Research Insights

Rebuilding the market research stack

Tom Weiss
Tom WeissChief Product & Technology Officer

Or why research stops being a deliverable and becomes infrastructure

For the last thirty years, quant research has been built around a simple constraint: the tools were slow. Fieldwork took weeks. Cleaning and coding took longer. Logic was fragile, routing was manual, and every step required human oversight. Every research plan from brand tracking to message testing  was shaped not by the question being asked, but by how much time and operational pain the system could tolerate.

We told ourselves we were making strategic trade-offs. But in reality, we were building coping mechanisms. Keep surveys short. Avoid repetition. Don’t test too many ideas at once. Limit concept space. Simplify trade-offs. Optimise for programming and QC, not for business outcomes. We designed around the fragility of the stack, not the needs of the business.

AI changes that. Not incrementally. Fundamentally.

When the production layer collapses, the logic of the entire stack begins to shift. What used to take a team a week now happens in minutes. Survey writing, logic validation, data cleaning, open-end coding, chart production, and first-pass analysis, all compresses. Insight stops being a manufacturing problem. It becomes a responsiveness problem.

Synthetic accelerates that shift even further. There are whole categories of questions humans cannot, or will not, answer. No one is going to complete 200 concept variants. No one survives a 100-attribute grid. No panel will get through 1,000 trade-off comparisons or highly nested product bundles without fatigue, satisficing, or dropout. These are not edge cases; they are standard questions that get thrown out because humans won’t complete them.

Synthetic models, when trained properly on your own data - not hallucinated, not generic, but grounded in real patterns - make these questions viable again. They unlock depth. Combinatorial space becomes explorable. Contradictions can be mapped. Entire decision universes can be sketched before the first respondent ever logs in. And the humans are still part of the loop. They’re just brought in where it counts.

The impact isn’t just that research gets faster. It’s that research gets rebuilt. Old workflows were built to serve the process. Can we get this programmed in time? Can we QC this logic? Can we code the open-ends by next week? None of these were strategic questions. They were concessions to a broken toolchain. But when cost and time collapse, those trade-offs no longer apply.

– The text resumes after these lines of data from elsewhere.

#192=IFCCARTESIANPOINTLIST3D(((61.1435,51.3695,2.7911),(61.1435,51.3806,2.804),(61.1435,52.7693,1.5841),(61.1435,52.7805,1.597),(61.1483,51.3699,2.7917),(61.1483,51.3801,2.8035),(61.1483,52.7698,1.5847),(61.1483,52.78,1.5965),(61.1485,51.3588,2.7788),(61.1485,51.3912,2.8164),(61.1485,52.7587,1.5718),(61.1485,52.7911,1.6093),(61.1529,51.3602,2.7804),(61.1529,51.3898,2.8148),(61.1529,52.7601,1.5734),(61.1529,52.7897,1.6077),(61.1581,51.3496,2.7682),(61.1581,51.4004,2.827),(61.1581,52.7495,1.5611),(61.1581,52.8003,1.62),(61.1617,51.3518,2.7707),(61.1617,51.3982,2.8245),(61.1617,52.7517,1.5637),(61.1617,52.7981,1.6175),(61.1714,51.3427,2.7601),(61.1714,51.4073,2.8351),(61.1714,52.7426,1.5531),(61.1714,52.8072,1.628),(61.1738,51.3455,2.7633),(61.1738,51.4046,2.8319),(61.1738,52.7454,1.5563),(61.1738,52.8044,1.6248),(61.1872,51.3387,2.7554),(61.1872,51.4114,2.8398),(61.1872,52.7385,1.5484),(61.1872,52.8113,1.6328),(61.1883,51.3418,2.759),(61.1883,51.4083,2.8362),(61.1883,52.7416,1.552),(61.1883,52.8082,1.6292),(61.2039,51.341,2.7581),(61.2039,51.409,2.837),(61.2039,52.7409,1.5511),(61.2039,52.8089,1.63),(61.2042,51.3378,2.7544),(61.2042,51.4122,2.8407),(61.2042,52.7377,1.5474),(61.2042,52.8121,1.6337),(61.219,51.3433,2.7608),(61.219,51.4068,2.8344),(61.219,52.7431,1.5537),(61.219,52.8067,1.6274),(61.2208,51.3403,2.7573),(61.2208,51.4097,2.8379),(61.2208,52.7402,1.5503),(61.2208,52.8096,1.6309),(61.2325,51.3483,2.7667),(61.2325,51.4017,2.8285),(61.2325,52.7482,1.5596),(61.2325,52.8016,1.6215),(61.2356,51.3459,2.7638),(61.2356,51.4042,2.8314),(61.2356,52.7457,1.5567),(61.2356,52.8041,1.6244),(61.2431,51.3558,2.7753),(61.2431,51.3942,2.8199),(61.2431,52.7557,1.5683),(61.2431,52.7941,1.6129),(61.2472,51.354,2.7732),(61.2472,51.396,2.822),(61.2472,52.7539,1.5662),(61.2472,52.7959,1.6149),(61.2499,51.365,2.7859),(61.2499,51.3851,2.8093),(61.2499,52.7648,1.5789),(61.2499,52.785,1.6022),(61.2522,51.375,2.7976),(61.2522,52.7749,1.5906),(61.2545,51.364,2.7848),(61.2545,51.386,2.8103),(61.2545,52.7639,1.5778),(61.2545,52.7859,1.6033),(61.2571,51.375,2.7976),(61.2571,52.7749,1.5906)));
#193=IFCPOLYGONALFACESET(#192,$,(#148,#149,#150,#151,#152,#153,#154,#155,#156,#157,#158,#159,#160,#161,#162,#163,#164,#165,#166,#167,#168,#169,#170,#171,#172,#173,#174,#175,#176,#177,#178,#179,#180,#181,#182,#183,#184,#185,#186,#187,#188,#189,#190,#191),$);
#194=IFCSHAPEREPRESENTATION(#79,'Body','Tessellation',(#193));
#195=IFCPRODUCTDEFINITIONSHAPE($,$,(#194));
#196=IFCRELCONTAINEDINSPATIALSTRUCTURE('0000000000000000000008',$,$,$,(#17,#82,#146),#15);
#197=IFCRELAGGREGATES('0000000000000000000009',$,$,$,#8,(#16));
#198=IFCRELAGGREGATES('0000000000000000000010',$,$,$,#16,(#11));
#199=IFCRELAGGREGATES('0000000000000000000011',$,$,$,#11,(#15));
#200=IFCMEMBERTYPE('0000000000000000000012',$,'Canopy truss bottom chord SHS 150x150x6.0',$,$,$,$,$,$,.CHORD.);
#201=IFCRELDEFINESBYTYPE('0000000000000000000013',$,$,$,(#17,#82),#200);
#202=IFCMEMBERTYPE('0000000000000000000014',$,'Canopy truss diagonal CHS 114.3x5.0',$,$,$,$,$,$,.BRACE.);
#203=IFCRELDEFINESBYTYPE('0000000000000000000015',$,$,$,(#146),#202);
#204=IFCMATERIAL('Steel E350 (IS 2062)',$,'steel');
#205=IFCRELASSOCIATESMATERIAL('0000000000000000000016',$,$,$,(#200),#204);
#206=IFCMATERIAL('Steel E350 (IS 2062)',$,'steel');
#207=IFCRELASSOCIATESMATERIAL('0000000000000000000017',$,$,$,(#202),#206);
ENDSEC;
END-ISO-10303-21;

What emerges is a new operating rhythm. Research starts aligning with the pace of creative iteration, product development, media optimisation, CX, weekly trading meetings, and crisis response. Not because research teams are moving faster, but because they’ve rebuilt the stack underneath. Insight stops being a project with a due date. It becomes part of the loop.

Crisis-response messaging is a perfect example. In the old model, a crisis breaks, comms drafts something, and a day or two later someone tries to spin up a study. By the time insight arrives, the damage is already done. In the new stack, message variants can be drafted, stress-tested synthetically, pulsed with humans, and deployed in the same day. Brand tracking picks up impact in real time. Insight becomes part of the incident response, not a post-mortem.

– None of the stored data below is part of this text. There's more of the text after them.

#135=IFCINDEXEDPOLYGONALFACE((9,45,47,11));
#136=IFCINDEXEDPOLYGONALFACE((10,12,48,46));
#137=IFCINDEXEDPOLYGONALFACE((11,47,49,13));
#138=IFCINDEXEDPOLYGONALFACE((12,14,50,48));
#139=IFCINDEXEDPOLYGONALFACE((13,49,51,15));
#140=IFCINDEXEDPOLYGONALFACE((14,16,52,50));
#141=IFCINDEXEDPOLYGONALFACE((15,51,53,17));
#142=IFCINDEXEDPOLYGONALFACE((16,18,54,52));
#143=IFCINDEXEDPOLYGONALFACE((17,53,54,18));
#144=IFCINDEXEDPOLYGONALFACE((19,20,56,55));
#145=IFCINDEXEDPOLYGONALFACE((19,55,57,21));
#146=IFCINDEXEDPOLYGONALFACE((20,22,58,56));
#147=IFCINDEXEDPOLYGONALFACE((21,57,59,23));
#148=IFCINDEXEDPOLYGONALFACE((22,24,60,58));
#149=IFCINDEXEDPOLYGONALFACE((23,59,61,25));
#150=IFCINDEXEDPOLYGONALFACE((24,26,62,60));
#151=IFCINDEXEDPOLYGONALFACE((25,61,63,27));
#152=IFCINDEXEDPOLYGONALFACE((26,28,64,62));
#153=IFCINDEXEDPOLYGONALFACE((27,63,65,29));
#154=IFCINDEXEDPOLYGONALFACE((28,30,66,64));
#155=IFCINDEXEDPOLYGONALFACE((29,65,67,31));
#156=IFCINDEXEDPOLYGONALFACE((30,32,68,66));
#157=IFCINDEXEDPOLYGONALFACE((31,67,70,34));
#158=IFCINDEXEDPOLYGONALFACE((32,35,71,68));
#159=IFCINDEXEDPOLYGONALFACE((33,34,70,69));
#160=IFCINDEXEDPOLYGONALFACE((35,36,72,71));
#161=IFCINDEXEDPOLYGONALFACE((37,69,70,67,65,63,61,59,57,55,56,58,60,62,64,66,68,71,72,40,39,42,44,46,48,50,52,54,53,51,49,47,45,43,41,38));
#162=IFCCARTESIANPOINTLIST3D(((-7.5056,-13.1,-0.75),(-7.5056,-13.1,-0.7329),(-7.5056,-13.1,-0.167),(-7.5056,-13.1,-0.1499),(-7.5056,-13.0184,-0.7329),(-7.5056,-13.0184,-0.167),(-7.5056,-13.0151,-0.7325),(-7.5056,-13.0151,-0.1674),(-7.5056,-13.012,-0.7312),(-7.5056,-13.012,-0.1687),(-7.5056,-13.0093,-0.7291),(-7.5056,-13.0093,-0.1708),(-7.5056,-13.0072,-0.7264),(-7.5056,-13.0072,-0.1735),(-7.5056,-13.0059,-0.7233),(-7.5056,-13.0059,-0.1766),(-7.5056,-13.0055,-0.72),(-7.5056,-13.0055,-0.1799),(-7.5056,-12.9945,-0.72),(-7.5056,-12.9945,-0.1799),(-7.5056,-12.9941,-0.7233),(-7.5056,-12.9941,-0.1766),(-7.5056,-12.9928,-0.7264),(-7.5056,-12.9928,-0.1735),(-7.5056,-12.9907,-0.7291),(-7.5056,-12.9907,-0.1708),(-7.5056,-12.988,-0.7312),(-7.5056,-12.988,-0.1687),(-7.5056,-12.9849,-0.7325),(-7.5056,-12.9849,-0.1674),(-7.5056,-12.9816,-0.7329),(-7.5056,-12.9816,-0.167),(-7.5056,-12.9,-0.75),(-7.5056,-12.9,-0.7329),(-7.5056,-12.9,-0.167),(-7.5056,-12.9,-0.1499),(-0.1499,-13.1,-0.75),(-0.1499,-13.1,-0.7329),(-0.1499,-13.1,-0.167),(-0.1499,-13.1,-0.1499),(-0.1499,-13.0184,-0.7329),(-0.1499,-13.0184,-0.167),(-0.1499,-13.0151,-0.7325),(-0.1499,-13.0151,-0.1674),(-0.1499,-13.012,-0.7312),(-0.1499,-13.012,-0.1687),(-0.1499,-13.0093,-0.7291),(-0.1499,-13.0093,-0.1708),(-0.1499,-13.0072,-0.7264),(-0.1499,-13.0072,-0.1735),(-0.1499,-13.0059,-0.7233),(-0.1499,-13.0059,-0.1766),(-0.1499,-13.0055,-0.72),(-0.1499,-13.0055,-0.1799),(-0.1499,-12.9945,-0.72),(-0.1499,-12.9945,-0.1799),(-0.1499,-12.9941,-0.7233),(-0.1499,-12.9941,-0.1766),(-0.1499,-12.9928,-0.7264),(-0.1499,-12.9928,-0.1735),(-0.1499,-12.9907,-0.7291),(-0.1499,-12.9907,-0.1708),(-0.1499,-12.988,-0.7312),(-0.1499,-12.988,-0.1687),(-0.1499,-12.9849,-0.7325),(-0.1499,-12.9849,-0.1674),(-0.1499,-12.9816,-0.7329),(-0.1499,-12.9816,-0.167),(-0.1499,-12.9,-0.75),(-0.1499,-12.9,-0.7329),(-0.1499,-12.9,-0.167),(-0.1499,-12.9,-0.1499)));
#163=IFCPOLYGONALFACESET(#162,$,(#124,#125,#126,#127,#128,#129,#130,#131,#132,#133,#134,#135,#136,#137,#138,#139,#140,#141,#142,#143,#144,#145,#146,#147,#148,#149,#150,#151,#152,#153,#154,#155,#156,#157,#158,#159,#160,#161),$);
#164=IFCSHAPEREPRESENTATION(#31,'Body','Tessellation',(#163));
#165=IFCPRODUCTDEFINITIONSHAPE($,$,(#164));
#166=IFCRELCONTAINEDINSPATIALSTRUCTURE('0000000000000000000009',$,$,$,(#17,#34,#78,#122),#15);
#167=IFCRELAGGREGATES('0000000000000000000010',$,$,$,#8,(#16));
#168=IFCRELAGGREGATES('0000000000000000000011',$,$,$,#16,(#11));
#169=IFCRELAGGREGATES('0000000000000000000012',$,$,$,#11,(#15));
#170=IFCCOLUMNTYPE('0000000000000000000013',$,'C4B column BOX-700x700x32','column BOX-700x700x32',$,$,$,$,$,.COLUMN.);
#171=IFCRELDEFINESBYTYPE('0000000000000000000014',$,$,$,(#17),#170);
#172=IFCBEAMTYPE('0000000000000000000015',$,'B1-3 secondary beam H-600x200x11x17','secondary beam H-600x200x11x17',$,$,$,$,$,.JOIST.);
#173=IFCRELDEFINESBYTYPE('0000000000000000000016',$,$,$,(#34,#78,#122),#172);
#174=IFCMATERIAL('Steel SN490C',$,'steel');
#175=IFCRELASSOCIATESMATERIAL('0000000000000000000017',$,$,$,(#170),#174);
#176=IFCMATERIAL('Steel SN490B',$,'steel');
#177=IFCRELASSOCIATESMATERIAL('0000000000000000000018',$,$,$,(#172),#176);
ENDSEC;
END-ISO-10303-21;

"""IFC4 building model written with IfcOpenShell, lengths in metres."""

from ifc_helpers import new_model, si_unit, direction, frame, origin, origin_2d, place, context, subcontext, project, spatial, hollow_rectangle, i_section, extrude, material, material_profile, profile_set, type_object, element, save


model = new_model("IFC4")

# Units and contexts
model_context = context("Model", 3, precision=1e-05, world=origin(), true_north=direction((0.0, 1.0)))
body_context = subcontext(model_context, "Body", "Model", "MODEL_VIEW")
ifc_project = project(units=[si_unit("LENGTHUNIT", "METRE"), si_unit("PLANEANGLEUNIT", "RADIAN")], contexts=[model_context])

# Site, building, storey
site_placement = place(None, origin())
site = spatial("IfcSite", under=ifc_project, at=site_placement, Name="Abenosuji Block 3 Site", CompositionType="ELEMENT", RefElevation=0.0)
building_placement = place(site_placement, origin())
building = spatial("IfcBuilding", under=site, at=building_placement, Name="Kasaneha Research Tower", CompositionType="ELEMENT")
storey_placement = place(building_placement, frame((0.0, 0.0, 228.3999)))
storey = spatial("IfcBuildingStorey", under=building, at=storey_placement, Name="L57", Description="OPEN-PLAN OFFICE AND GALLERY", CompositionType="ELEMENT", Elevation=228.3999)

This isn’t about replacing people. It’s about elevating the role. When production and depth are no longer the bottlenecks, researchers stop spending their time on logistics and start focusing on judgment. Where to look. What to test. What contradicts. What’s noise. What matters. What the business should do next. The function doesn’t diminish.It moves upstream.

The real transformation is straightforward: the old stack was designed to deliver surveys. The new stack is designed to support decisions. That shift sounds simple, but the implications are profound. Creative teams can test every iteration, not just the first one. Brand trackers don’t run quarterly; they run continuously. Message space is explored in full, not sampled. Concept validation aligns with product sprints, not calendar cycles. Customer sentiment becomes dynamic. Research finally matches the clock speed of the business.

This isn’t evolution. It’s re-architecture.

Once AI handles production and synthetic handles expansion, the job of the insight team changes entirely. The most valuable question no longer becomes “Can we deliver the study?” It becomes “How fast can the business act on evidence?”

That’s the new stack.

And the teams who build it will become the most important operational partners in the business.